696: Reading Szymborska at Friday Harbor

696: Reading Szymborska at Friday Harbor

696: Reading Szymborska at Friday Harbor

Transcript

I’m Ada Limón and this is The Slowdown.

I’m always fascinated by how poems can hit us in different ways at different times. The poem that I need often shows up just when I need it. And sometimes a poem that I thought I didn’t love, suddenly becomes my favorite. I remember being influenced by what others thought was cool to be reading in graduate school. It wasn’t cool to be reading Mary Oliver, but I loved Mary Oliver. I was a little embarrassed by how much I liked Frank O’Hara, when everyone thought I should be reading more Ashbery. And I wanted very much to like Ashbery, but I liked Lucille Clifton more and read her on the subway and then hid her in my backpack before our craft seminars on Milton and Merrill.

Now I don’t have those fears as much. And I give poems more of a chance. Things that were harder for me back then, I have more patience for now. This spring, some friends and I read Self-Portrait in a Convex Mirror by John Ashbery over Zoom, slowly, over many months. And you know what? I loved it. Reading it out loud, the patience everyone took with the sections. I was hooked.

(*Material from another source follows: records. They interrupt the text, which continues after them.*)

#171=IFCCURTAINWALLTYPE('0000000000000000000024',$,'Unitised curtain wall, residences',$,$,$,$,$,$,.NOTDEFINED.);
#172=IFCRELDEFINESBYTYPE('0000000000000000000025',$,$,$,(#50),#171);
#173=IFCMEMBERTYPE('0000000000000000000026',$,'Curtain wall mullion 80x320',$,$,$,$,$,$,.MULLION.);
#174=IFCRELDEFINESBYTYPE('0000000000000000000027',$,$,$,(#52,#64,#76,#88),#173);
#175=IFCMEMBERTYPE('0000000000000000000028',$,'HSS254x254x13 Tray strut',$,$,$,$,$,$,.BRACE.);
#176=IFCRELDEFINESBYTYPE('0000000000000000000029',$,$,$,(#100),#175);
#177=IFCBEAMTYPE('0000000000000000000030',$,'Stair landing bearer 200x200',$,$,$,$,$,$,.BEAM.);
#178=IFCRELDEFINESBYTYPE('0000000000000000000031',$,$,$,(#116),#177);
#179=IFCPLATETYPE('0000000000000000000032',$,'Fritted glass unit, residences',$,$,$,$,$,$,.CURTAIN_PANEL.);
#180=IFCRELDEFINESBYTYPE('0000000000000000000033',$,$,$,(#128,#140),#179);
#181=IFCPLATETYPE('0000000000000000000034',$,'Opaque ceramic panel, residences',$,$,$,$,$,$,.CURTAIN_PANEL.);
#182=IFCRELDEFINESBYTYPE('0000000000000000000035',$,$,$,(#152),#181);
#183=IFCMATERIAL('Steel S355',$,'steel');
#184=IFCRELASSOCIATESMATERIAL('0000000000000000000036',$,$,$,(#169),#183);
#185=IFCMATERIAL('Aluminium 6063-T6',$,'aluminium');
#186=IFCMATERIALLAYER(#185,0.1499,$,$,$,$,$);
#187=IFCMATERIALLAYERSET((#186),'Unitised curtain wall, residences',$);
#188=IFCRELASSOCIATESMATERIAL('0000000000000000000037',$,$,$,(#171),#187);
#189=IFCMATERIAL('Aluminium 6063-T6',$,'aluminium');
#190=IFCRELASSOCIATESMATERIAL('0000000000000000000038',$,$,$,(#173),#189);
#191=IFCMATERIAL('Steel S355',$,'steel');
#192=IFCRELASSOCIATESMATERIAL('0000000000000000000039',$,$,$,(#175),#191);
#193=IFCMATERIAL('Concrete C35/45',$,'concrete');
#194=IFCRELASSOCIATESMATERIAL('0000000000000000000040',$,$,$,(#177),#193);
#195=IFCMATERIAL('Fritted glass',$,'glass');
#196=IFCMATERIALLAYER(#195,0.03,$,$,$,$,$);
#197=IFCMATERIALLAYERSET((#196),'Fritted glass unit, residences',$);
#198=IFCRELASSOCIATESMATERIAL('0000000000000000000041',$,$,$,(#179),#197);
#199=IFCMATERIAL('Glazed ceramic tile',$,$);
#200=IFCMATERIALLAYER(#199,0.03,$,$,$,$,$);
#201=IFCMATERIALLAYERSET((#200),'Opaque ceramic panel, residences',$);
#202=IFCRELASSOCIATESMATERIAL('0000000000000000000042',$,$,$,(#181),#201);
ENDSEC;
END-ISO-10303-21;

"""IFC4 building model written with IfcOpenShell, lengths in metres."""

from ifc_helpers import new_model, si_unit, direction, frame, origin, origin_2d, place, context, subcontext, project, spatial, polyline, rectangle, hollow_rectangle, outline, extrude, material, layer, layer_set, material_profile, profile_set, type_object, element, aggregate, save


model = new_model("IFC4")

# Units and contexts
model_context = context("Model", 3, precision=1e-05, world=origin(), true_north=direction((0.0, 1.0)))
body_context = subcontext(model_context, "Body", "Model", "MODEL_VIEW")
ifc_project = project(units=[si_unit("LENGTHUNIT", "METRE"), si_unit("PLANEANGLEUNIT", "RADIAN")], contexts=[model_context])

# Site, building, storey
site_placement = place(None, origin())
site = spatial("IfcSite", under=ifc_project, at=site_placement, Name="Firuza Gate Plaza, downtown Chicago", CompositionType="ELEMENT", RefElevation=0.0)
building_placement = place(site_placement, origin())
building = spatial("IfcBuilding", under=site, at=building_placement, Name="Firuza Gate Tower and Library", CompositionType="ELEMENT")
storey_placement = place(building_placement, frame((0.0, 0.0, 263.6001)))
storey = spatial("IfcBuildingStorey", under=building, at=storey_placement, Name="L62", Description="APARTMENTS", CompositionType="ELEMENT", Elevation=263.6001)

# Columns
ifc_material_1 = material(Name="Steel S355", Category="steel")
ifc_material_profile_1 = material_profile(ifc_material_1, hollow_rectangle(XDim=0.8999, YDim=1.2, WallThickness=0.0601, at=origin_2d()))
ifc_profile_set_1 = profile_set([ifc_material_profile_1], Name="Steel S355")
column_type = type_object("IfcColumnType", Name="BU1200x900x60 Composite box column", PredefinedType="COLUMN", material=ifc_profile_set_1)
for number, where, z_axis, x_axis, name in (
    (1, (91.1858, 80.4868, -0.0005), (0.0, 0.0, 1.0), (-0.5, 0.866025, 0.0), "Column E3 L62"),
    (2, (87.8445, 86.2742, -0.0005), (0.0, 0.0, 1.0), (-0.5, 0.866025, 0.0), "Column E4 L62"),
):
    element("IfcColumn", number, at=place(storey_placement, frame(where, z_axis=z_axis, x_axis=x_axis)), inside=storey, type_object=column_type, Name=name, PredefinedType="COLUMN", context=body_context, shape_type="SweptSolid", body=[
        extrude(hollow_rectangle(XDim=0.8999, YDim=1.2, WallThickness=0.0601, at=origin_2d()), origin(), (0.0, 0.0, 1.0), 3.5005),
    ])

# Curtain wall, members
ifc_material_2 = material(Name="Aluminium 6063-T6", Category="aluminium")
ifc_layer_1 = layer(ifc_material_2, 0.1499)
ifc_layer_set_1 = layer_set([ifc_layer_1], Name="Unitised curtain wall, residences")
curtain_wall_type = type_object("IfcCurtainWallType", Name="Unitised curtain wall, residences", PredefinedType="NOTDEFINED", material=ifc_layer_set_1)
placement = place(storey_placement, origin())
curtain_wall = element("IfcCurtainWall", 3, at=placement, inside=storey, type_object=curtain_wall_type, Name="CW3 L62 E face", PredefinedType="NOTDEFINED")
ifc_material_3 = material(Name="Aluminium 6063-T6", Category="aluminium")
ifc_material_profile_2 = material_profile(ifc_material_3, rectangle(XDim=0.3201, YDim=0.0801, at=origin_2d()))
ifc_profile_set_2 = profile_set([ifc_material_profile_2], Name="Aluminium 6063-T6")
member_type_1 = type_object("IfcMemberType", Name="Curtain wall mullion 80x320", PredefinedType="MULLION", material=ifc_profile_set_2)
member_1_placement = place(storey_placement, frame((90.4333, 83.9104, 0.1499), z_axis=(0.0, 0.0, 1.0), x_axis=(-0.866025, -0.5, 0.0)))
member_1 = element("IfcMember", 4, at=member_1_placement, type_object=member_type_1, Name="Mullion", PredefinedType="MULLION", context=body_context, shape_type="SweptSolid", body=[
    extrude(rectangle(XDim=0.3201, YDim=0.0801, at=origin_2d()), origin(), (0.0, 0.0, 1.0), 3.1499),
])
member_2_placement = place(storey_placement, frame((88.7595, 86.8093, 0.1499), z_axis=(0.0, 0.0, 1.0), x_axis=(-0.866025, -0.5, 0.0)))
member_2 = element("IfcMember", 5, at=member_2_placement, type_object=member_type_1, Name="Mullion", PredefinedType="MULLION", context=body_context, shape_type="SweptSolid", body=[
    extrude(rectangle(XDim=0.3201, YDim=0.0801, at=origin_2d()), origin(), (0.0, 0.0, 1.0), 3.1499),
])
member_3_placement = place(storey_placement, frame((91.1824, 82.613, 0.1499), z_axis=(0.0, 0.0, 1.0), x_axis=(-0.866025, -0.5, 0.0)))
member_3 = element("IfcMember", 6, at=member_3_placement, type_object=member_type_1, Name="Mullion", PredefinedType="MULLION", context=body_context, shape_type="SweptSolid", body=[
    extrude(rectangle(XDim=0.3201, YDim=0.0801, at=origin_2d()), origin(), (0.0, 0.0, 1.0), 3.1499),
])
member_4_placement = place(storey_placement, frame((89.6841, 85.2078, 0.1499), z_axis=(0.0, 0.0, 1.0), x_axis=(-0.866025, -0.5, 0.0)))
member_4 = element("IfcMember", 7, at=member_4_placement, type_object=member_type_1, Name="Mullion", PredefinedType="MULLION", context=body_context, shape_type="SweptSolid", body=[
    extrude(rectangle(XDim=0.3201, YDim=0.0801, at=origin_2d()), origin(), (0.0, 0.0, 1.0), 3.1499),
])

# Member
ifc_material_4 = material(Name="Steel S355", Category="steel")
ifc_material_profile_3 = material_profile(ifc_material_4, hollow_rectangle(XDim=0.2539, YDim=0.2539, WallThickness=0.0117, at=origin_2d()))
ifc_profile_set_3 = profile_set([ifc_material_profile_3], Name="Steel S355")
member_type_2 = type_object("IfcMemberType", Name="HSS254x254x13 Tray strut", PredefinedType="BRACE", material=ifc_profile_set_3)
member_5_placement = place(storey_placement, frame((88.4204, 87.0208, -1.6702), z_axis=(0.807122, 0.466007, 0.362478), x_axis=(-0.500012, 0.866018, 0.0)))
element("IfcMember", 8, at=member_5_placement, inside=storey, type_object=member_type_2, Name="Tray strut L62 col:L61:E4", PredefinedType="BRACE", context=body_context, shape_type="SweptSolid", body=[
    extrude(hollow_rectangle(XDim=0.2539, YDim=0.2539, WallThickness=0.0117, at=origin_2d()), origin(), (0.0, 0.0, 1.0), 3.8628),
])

That’s something I’ll always love about poetry, the more time you spend with it, the more it deepens your understanding and sometimes, your attachment to the work. As a younger adult, how was I supposed to comprehend those poems that were so steeped in political rage or historical trauma or the recognition of mortality? I didn’t know those subjects well enough to appreciate them. And now, I’m ready for those poems because I know those topics intimately.

But also, as I’ve aged, I have more time for tenderness, for the poems that are so earnest they melt your spine a little. I have decided that I am here in this world to be moved by love and to let myself be moved by beauty. I will defend an earnest poem, I will defend beauty. Life is short, let’s read beautiful things. Cry at the poem you once thought was silly. Let’s give ourselves permission to be less cool and more open to the opportunity of being changed by art.

Today’s poem honors how poems can change for you over the years, and how sometimes that change is just what we need.


Reading Szymborska at Friday Harbor
by Patrycja Humienik

                    after Aria Aber

Do I want more music from language?
Curled into myself against a floor-to-ceiling window,
I laugh about the Yeti poem, cry over her 1996 speech —
Whatever inspiration is, it’s born from a continuous
‘I don’t know.’ I read it in English.
In Polish school, I did not like her work.
I did not want to admit how much I don’t know.
How many fields of oil burning. The everlasting
snow, melting. I’m watching an eagle
perched for the hunt, white-headed metronome.
Rapt, still I ask for song. Unspooling
in sound. How can I trust myself
when I am so seduced by beauty?
Scenic lookout, hot women on instagram, denim
sky, muscle of petals. I am not singing,
says the eagle. A tired roar crowds my mouth.
When we drive down Sweet Pea Lane, Gabby says
so sweet it makes my teeth hurt. I write it down.

"Reading Szymborska at Friday Harbor" by Patrycja Humienik. Used by permission of the poet.